The way it works is easy. Data Seal is a self-hosted website that governments can add documents to. Data Seal generates a PGP signature for each file that’s added. Then, when a user wants to verify the validity of a legal material (e.g., a copy of a law), they can visit the agency’s Data Seal website, drag the file onto their browser, and find out whether the document is official or if it’s been altered. (The document-adding and document-verification processes can be performed via the browser or through an API.)

In July I presented the finished product to the Administrative Codes and Registers conference, exhorting members to use Data Seal as UELMA passed into law in their states, or to follow Minnesota’s example and write the code themselves.
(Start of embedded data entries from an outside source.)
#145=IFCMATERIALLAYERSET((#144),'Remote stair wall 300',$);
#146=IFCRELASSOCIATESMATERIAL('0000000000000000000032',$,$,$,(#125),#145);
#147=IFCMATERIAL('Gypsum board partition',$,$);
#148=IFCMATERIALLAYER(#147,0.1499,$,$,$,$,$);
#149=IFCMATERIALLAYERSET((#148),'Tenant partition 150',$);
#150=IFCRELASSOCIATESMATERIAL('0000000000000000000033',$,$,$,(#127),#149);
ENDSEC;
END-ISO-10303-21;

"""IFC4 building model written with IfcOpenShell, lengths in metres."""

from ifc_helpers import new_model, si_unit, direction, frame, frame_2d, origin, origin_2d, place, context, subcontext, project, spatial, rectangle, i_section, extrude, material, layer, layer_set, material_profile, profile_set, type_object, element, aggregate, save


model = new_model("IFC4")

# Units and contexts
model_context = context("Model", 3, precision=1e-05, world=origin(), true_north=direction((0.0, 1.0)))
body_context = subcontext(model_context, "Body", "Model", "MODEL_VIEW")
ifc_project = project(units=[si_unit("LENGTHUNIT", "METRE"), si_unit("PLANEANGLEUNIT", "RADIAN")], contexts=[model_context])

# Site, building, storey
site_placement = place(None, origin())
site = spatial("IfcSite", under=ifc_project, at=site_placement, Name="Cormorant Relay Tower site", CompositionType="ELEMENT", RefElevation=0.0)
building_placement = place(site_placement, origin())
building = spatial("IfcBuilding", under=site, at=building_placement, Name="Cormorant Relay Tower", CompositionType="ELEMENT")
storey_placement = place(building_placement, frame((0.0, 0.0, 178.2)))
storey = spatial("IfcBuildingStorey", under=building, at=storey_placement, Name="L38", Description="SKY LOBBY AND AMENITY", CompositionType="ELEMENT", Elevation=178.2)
My message was simple: file verification is a trivially-solved technological problem.

But we knew there remained a major obstacle: that free software is basically worthless to government agencies.

Governments acquire technology by publishing RFPs and awarding contracts. Developers of open source software aren’t in the habit of responding to RFPs with bids of $0 that say “just go ahead and download my software and use it.” Many agencies lack the in-house knowledge about how to install software, or don’t have the ability to use the services required. So instructions like “throw this up on a Heroku instance, set up a Mailgun account and plug your API key into the config file, which should live on S3” are somewhere between baffling and logistically impossible.
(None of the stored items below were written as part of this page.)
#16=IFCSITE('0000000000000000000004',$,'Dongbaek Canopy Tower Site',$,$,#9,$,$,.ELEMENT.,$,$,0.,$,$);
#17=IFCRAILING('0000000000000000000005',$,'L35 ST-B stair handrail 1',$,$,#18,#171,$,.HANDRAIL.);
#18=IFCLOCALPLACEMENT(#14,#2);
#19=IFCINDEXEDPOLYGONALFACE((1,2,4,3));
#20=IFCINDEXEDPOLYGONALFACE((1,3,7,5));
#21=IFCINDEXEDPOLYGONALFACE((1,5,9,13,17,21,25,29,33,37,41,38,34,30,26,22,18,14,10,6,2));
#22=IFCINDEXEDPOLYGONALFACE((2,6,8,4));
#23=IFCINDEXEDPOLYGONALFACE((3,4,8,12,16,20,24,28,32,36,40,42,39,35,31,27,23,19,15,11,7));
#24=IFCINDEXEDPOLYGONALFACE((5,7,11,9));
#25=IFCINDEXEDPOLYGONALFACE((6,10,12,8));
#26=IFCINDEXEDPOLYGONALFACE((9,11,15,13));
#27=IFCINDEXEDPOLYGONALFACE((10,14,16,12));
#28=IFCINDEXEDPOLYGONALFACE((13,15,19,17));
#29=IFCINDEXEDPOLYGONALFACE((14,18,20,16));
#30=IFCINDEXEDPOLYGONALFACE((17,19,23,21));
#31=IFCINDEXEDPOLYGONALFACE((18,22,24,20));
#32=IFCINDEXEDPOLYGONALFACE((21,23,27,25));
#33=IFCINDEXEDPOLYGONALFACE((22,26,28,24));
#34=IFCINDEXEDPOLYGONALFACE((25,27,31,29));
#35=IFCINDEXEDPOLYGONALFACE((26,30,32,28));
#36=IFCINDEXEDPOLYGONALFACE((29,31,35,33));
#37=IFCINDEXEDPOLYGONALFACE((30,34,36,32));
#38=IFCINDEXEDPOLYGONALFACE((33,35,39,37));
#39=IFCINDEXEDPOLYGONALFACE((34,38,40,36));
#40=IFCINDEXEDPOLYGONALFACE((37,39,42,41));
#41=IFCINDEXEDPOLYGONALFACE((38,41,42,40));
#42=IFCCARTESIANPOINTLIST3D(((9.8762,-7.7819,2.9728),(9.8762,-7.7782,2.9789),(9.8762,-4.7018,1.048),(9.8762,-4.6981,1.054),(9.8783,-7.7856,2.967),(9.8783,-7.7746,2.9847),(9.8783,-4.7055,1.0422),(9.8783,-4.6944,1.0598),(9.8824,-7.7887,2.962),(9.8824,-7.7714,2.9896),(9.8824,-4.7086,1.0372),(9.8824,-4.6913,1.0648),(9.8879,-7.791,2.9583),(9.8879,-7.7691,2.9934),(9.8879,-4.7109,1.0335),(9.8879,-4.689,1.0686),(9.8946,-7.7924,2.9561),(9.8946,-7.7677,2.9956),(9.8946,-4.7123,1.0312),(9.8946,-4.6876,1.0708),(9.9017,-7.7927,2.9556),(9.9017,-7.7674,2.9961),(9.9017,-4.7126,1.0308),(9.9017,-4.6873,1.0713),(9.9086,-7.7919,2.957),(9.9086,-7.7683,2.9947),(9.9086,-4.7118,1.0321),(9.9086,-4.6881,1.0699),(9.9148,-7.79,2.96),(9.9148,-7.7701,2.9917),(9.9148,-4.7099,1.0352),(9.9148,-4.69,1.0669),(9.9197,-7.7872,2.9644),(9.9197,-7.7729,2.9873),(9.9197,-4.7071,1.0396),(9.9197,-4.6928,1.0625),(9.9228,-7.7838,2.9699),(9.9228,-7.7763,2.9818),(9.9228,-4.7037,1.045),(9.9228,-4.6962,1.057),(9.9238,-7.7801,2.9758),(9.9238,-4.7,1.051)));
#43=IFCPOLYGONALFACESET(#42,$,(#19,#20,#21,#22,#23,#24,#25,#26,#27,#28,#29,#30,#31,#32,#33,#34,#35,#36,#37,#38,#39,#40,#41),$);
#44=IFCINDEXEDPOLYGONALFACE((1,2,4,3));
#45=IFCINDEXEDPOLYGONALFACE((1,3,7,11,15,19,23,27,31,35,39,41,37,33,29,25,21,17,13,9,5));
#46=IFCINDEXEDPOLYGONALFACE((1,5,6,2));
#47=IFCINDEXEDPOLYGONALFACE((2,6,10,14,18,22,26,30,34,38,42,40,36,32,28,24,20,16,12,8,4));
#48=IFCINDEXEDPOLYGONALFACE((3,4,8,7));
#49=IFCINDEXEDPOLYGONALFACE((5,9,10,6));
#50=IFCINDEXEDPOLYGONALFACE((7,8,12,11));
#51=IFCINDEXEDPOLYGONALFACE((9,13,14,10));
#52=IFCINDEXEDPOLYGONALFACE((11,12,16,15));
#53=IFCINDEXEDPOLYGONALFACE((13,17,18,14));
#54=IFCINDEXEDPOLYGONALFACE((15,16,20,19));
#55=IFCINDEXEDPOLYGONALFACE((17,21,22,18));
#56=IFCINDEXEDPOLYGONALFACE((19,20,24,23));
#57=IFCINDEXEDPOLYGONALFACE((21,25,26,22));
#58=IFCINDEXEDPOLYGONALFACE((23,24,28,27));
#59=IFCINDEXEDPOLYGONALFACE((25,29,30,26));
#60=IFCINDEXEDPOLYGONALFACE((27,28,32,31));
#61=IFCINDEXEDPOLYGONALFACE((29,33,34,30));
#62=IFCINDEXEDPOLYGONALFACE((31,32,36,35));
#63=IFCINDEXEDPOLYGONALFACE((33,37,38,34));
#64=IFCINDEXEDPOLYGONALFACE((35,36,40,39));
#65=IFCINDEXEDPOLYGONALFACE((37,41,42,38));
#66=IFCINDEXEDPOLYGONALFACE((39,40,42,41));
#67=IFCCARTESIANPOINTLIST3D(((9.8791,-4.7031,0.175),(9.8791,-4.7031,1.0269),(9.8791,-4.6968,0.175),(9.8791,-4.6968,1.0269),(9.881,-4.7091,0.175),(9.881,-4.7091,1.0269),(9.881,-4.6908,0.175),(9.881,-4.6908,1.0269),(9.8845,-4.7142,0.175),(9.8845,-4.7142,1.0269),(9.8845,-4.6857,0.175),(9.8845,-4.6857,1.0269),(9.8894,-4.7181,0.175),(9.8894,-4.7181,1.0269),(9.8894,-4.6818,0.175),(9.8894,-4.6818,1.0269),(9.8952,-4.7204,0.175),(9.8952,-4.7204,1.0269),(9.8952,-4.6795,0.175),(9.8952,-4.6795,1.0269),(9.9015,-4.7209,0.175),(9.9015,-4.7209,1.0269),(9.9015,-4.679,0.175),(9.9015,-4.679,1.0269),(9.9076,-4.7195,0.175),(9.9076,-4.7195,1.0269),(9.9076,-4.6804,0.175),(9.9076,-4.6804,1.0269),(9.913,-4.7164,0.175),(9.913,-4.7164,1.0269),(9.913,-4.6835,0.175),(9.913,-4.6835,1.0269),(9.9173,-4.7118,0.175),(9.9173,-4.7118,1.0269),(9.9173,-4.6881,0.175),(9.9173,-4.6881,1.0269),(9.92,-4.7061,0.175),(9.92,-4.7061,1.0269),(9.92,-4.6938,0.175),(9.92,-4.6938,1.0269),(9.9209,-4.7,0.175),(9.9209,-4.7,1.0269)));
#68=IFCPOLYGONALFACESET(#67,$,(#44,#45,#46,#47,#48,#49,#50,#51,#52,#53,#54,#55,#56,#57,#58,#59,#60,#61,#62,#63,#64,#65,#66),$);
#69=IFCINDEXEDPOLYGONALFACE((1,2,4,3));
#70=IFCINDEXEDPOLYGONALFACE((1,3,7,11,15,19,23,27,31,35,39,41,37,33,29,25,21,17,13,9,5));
Although Data Seal is simple to install by many developers’ standards—it’s a basic Django application that uses GnuPG and a Python GnuPG wrapper—it falls into the category of “Free As In Helicopter”—it costs nothing, but requires so much knowledge about how to set up and operate as to be implausible.

Solution: Make it possible for governments to pay for our free software.

So late last year we went back to Silicon Valley Software Group, the vendor that built Data Seal, and explained that—congratulations!—they were now the world’s leading experts in Data Seal, and consequently in a great position to sell hosting services. (Of course, anybody could sell Data Seal hosting services—it’s free software.) They thought that was a fine idea, so they went away for a while and worked on what to do about that.

As of today, Silicon Valley Software Group sells Data Seal hosting, targeted at states that have adopted UELMA. That’s only a dozen today, but will surely be close to 50 within a few years.

screenshot of SVSG’s website

They’ve settled on a pricing structure that’s cheap enough to make it the obvious decision for states, and likely below many states’ threshold for putting a contract up to bid.

Now states can use Data Seal.

Silicon Valley Software Group makes money, states will save money, the public retains access to legal data. Everybody wins.

Open data wins rarely come quickly. They require demand by government, accepted standards to rely on, government buy-in to the proposed solution, and market forces to support that solution. In the case of UELMA, this win will come slower still, over the years that it will take for states to adopt and then implement UELMA. In the meantime, we’ll keep giving talks to state agencies, spreading the message that file verification is a solved problem, that they don’t need to fall back on PDFs, and that they don’t need to pay millions of dollars to a vendor to build a custom system. But they also don’t have to pay nothing. They can do something better—pay a little bit.